In an action, inter alia, to recover damages for breach of written and implied warranties pursuant to the Magnuson-Moss Warranty Federal Trade Commission Improvement Act, the defendant DaimlerChrysler Corporation appeals from so much of an order of the Supreme Court, Suffolk County (Doyle, J.), entered May 19, 2000, as denied those branches of its motion which were to dismiss the first, second, third, and fourth causes of action in the complaint insofar as asserted against it pursuant to CPLR 3211 (a)(1), (5) and (7).
ORDERED that the order is reversed insofar as appealed from, on the law, with costs, those branches of the motion which were to dismiss the first, second, third, and fourth causes of action are granted, and those causes of action insofar as asserted against the appellant are dismissed.
Pursuant to a written lease dated February 6, 1997, the plaintiff leased a new 1997 Jeep Grand Cherokee from the defendant Storms Motors, Inc. (hereinafter Storms), for a term of 36 months. The vehicle was manufactured by the defendant DaimlerChrysler Corporation (hereinafter DaimlerChrysler). DaimlerChrysler provided a limited written warranty for the Jeep which covered the cost of all parts and labor necessary to repair any defects in material, workmanship, or factory preparation for a period of 36 months or for 36,000 miles, whichever occurred first.
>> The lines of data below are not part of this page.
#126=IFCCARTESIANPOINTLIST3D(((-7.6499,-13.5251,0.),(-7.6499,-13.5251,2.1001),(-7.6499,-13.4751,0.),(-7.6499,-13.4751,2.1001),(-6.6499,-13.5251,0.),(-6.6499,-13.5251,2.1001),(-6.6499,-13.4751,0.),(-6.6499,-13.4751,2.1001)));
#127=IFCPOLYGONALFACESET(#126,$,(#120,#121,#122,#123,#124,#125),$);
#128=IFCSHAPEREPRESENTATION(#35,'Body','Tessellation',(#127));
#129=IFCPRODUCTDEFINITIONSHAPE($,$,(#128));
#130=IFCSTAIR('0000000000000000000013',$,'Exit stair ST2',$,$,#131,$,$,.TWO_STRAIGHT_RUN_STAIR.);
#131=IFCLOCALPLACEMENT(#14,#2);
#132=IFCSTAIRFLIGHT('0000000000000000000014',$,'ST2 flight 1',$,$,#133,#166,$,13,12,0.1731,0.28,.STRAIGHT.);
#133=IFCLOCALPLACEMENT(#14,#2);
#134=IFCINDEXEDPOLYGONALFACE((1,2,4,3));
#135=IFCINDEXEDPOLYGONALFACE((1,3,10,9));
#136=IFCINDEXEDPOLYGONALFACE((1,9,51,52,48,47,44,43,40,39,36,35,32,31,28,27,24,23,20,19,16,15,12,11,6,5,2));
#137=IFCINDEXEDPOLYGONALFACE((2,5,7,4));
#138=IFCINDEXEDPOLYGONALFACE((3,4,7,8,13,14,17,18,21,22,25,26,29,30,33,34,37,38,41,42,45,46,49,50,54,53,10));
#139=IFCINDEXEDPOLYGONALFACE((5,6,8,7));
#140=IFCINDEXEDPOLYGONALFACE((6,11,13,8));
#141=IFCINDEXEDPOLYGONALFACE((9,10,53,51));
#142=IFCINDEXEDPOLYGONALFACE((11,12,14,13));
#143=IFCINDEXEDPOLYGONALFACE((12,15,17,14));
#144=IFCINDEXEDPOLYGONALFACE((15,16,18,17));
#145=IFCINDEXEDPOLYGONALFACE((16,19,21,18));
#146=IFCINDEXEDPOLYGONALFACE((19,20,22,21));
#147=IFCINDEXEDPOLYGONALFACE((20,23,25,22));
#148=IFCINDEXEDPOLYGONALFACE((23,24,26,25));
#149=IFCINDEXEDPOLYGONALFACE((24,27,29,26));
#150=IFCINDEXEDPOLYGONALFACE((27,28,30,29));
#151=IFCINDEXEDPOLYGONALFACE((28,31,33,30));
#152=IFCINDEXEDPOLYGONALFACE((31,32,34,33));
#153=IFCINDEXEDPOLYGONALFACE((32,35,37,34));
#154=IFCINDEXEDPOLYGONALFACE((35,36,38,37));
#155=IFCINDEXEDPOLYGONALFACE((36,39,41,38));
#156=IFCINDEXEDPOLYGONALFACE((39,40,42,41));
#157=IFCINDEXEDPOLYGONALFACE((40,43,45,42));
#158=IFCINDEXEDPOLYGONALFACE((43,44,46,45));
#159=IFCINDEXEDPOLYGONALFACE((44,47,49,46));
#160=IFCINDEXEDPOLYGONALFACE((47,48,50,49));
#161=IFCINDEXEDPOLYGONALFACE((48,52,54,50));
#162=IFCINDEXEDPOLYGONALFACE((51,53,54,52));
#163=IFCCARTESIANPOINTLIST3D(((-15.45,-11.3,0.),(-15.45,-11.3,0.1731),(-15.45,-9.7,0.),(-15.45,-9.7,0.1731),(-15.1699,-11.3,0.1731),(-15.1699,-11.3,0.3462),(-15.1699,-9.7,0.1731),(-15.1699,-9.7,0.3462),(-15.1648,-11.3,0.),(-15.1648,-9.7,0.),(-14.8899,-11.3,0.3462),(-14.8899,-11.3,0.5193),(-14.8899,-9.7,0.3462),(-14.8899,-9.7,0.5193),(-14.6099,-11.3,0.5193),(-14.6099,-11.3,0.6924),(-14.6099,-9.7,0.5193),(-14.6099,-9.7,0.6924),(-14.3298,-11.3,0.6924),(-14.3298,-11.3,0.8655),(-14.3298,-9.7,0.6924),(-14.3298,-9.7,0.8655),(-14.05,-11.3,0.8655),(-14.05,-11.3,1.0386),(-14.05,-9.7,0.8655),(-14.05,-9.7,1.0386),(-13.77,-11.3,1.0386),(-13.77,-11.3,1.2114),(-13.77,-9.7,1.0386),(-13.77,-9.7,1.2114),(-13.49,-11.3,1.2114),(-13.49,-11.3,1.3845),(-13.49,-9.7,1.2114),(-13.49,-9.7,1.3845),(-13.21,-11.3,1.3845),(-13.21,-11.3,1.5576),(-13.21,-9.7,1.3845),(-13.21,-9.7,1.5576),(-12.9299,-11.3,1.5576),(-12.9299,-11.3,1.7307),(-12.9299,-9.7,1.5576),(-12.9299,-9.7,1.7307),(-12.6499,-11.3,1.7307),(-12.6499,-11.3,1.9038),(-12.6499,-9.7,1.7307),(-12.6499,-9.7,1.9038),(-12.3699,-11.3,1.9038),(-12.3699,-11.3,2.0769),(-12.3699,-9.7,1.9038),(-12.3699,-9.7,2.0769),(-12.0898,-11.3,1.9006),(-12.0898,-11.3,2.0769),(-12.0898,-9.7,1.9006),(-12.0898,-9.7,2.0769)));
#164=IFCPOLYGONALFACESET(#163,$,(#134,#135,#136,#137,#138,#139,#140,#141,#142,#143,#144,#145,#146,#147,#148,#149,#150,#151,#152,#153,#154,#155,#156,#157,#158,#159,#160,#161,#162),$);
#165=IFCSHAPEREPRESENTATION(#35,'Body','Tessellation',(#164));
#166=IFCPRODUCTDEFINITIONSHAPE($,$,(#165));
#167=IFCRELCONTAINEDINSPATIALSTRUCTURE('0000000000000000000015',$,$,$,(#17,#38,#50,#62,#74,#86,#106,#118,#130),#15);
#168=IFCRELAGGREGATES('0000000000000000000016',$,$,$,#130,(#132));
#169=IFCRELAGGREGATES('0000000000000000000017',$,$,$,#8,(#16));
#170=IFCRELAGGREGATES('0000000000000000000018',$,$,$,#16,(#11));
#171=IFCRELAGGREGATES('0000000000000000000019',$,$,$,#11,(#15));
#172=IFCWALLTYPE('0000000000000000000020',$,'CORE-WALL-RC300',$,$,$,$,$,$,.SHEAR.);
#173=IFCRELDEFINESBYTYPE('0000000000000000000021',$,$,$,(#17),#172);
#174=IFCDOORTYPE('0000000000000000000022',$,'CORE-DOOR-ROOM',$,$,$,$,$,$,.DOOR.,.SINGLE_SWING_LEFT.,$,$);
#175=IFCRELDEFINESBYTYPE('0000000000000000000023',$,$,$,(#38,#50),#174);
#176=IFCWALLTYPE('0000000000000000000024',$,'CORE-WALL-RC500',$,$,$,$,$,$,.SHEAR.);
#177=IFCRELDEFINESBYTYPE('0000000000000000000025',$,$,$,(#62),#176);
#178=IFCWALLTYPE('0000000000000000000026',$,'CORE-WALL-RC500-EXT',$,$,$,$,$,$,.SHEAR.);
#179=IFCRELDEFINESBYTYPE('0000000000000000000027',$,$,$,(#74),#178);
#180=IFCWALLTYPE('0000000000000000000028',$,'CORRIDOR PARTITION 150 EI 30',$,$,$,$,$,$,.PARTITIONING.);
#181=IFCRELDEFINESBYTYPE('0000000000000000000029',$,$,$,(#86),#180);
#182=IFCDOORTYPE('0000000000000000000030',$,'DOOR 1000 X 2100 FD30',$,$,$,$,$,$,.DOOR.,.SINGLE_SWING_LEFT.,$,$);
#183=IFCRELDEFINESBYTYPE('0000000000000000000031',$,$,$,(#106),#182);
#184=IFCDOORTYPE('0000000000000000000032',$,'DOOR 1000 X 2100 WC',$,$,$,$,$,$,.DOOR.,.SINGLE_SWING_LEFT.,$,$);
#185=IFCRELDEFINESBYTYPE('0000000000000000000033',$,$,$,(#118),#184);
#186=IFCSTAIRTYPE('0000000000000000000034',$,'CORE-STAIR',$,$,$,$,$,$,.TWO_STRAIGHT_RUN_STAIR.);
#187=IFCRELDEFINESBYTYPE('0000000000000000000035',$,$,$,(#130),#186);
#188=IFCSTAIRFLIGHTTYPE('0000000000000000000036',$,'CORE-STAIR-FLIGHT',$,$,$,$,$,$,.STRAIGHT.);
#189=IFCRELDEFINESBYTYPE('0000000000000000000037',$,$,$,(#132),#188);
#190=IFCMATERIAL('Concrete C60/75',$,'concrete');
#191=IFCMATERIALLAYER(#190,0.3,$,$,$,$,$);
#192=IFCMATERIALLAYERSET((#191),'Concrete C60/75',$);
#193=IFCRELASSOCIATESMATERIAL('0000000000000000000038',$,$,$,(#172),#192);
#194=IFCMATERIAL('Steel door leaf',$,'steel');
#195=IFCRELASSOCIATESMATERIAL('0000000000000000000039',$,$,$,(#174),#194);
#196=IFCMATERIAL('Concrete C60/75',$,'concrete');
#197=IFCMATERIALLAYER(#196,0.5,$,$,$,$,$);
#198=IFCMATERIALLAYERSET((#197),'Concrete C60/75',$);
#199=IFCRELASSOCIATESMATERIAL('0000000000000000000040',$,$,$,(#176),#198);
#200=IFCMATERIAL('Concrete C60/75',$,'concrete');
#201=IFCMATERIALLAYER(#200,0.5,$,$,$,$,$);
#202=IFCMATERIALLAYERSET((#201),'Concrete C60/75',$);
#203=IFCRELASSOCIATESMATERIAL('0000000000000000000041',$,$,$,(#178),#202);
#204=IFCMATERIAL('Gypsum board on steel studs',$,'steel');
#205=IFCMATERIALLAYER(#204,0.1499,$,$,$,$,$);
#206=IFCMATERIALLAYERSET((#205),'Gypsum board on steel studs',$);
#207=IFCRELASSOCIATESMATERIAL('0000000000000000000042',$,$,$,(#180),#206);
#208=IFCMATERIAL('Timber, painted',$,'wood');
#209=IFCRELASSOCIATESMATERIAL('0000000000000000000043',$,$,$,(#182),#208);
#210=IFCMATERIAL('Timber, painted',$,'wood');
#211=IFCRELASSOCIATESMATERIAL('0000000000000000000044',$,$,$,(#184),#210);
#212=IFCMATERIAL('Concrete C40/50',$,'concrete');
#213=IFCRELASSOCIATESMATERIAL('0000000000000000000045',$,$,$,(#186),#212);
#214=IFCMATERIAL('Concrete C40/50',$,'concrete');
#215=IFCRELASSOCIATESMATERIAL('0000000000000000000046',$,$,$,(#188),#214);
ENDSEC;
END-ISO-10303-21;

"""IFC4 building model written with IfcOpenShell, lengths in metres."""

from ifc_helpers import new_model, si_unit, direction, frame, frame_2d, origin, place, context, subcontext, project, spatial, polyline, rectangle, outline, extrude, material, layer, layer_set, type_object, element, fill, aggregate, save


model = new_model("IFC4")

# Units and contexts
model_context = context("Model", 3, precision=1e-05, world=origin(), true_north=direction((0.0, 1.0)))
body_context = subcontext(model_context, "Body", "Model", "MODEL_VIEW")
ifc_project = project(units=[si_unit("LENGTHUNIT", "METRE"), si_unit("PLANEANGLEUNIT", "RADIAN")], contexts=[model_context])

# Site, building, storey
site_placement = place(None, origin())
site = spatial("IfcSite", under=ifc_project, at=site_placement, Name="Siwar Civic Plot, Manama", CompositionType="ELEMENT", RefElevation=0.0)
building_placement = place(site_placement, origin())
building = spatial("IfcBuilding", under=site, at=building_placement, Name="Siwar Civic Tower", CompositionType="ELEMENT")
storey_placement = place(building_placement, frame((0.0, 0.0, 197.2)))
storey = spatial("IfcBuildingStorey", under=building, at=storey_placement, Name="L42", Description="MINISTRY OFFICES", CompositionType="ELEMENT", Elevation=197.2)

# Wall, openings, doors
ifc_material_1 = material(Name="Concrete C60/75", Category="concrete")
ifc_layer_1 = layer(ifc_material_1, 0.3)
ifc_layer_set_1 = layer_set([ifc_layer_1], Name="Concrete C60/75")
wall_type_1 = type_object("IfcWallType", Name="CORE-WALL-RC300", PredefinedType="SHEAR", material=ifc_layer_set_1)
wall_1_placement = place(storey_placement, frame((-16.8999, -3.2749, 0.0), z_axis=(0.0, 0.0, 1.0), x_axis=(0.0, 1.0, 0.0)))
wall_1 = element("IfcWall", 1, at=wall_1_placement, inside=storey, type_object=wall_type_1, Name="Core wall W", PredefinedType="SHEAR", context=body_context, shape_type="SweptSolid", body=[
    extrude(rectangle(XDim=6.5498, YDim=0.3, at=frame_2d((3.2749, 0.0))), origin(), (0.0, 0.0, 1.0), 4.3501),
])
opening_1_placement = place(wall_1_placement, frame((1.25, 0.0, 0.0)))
The plaintiff took possession of the vehicle on February 8, 1997. Allegedly, two days later she began experiencing problems with the vehicle. During the next 14 months, she brought the Jeep to an authorized DaimlerChrysler dealer for repairs more than 10 times. The vehicle had to be towed to the dealer on four occasions. By letter dated April 7, 1998, the plaintiff informed DaimlerChrysler customer service that repair of the Jeep was no longer satisfactory. She requested a replacement vehicle or termination of the lease. No action was taken and the problems persisted. During the spring and summer of 1999, the plaintiff experienced serious mechanical problems with the vehicle requiring further repairs. In a letter dated July 21, 1999, from her attorneys to DaimlerChrysler, the plaintiff attempted to revoke acceptance of the vehicle and demanded cancellation of the lease, a refund of all payments, and damages.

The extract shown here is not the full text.